La demande de l'UE a été déposée lors d'une réunion de l'Organe de règlement des différends (ORD) à l'OMC. Elle fait suite au fait que les Etats-Unis ont contesté « le niveau de rétorsion proposé par l'UE (35 millions de dollars par an) », a indiqué une source proche des discussions à Genève.
Les mesures demandées par l'UE visent à « compenser le fait que les Etats-Unis ne se sont pas conformés » à une décision antérieure de l'ORD. Or, celle-ci « condamne les droits antidumping et compensateurs visant les olives mûres en provenance d'Espagne », a expliqué cette source. Elle ajoute qu' « un arbitre de l'OMC va maintenant déterminer le niveau approprié des contre-mesures » européennes.

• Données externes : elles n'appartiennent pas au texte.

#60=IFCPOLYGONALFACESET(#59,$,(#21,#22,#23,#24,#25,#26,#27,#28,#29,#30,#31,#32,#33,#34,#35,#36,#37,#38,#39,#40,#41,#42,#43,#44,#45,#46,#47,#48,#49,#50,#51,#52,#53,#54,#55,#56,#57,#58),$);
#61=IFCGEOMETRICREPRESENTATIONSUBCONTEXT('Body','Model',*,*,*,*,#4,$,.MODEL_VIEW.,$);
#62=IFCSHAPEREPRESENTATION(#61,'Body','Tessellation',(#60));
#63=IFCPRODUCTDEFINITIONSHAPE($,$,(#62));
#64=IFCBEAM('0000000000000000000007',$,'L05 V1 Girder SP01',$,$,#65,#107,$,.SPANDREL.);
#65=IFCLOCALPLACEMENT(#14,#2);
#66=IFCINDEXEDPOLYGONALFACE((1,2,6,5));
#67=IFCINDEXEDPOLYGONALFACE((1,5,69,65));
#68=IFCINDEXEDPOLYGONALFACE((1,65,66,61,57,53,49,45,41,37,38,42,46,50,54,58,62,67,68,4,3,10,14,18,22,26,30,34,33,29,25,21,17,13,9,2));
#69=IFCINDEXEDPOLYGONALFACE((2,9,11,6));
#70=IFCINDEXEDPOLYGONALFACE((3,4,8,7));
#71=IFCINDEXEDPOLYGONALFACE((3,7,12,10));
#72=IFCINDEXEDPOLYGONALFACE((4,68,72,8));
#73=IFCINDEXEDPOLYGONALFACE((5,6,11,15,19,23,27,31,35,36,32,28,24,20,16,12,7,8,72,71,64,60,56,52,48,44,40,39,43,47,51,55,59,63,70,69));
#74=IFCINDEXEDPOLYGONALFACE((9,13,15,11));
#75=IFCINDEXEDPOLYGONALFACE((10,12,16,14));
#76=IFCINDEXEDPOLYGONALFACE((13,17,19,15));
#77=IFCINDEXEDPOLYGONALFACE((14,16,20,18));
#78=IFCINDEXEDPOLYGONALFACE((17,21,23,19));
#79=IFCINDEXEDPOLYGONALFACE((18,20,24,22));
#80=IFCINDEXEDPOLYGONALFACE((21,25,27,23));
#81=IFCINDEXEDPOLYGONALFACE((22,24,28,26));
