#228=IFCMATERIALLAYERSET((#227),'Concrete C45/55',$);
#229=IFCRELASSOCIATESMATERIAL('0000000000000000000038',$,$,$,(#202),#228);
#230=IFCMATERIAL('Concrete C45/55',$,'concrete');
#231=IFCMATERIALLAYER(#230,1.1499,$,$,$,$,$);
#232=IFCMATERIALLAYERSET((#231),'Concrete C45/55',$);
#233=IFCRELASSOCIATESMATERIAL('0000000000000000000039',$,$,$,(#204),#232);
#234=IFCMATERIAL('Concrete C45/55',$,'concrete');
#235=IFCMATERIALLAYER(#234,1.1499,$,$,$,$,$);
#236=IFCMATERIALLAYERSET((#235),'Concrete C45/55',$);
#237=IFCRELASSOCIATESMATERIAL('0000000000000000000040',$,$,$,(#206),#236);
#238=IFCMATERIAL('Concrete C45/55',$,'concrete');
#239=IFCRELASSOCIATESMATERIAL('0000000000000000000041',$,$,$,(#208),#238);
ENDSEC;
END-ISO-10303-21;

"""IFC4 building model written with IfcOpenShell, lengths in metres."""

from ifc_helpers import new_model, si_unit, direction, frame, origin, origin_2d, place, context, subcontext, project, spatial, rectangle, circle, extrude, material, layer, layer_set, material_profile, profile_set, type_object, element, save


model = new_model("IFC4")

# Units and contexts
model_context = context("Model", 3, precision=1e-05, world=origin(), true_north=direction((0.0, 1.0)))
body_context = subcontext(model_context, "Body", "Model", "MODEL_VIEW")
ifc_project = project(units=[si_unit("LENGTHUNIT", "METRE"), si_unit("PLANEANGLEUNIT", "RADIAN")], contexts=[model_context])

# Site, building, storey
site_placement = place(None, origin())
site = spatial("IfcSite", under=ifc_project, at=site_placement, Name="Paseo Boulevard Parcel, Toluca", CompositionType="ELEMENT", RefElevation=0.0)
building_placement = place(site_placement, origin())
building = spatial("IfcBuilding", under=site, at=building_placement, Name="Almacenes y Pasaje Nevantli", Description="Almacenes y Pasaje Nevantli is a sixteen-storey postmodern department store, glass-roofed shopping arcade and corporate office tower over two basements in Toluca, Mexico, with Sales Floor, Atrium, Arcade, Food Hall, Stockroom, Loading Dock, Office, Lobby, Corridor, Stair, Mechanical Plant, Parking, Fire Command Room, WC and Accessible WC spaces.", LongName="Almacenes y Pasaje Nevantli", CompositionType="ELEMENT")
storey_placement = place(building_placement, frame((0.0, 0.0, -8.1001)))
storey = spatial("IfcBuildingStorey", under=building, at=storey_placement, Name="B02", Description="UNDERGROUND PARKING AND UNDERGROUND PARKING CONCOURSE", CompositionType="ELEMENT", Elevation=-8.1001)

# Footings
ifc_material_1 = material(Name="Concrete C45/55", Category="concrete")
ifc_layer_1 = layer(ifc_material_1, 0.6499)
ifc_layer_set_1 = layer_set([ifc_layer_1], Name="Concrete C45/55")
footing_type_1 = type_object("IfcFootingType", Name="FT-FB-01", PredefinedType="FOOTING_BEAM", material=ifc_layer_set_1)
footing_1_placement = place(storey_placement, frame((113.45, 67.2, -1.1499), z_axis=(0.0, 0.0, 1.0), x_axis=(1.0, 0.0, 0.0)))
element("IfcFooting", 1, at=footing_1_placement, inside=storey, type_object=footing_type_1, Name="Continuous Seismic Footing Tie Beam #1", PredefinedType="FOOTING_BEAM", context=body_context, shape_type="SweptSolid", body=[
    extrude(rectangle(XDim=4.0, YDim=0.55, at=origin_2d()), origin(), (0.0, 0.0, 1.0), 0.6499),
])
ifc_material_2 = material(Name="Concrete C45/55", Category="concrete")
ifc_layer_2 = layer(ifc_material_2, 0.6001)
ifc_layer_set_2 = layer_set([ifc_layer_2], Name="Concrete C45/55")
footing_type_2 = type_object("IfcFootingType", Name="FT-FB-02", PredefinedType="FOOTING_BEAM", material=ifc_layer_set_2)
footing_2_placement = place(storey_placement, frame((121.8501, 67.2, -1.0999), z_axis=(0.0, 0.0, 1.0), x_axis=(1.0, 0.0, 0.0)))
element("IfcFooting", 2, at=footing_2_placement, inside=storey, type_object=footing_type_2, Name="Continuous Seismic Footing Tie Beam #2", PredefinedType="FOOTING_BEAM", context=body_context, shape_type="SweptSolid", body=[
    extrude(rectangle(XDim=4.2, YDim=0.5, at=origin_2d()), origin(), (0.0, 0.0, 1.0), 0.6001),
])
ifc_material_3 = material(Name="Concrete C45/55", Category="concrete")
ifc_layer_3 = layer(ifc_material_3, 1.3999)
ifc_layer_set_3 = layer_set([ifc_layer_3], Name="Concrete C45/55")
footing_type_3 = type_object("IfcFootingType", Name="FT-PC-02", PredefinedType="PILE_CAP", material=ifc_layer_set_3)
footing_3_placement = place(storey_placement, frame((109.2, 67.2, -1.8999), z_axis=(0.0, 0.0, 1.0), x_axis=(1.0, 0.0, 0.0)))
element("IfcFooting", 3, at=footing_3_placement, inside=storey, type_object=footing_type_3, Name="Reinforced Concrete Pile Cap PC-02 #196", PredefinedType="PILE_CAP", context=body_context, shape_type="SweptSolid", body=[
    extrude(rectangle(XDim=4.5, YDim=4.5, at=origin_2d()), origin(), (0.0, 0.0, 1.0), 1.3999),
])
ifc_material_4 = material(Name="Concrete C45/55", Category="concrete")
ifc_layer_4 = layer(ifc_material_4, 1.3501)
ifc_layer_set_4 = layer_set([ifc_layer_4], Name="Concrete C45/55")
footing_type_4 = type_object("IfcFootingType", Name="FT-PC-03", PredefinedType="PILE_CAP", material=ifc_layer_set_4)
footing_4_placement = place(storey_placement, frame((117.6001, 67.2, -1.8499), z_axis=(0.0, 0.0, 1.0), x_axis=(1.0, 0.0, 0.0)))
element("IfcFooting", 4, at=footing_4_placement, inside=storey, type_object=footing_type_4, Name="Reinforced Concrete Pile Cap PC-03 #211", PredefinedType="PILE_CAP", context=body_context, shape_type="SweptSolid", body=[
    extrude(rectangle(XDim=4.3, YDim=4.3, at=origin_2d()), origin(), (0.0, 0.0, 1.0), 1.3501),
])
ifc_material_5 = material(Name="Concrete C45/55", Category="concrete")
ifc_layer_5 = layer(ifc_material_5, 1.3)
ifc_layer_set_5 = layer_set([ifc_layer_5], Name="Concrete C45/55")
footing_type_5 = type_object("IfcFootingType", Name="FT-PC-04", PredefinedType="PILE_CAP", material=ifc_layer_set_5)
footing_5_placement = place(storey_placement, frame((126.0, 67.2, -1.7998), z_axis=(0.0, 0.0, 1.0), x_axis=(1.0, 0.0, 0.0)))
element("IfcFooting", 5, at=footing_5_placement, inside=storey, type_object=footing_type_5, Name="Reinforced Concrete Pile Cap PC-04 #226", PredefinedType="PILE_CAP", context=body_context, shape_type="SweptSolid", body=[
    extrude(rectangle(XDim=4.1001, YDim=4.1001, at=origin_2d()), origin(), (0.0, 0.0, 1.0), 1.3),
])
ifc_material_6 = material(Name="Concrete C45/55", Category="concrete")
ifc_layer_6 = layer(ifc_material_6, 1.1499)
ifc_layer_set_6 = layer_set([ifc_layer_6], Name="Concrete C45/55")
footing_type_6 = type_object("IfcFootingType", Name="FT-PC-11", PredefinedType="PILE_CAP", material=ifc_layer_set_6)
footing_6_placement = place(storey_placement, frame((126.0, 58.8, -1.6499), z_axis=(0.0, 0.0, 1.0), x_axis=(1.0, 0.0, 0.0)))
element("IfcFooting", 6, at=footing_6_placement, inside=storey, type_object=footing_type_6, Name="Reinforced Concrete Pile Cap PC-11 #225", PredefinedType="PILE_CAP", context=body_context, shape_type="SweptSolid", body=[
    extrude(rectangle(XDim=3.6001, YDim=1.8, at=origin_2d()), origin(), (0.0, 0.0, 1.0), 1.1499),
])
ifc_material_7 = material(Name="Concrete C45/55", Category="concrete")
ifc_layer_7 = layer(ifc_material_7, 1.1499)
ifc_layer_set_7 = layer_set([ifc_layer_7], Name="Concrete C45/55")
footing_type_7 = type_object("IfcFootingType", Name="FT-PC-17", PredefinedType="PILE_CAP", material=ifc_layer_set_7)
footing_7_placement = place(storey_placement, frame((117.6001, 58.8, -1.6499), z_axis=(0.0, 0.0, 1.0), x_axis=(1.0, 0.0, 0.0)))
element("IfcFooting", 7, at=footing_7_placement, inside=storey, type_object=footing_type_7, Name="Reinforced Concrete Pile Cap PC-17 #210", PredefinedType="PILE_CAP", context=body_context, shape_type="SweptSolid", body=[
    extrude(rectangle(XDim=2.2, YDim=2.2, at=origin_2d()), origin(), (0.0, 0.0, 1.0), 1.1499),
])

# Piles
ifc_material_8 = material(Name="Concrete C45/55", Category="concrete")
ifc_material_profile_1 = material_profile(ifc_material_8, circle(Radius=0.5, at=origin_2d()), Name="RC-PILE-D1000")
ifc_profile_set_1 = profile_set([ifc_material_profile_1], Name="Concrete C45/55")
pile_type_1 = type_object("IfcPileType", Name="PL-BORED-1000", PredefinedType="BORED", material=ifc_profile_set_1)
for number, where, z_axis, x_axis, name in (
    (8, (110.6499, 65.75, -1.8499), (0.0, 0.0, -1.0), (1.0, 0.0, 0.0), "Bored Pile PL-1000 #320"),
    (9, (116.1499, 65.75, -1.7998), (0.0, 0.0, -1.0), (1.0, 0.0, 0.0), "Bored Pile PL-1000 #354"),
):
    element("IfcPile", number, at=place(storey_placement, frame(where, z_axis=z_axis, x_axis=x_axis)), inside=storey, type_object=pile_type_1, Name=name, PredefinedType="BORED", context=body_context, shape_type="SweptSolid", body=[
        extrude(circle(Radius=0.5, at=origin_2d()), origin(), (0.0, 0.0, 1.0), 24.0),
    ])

Lors de la réunion de ce lundi à l'OMC, un représentant américain a précisé que « par une lettre datée du 22 novembre 2024, les Etats-Unis se sont opposés » au niveau de rétorsion proposé par l'UE.
D'après les règles de l'OMC, si un pays a commis une faute, il doit la réparer sans tarder. Dans le cas contraire, le pays plaignant est autorisé à imposer des « mesures de rétorsion » ou « sanctions ». Une procédure qui, techniquement parlant, consiste à « suspendre des concessions ou d'autres obligations ».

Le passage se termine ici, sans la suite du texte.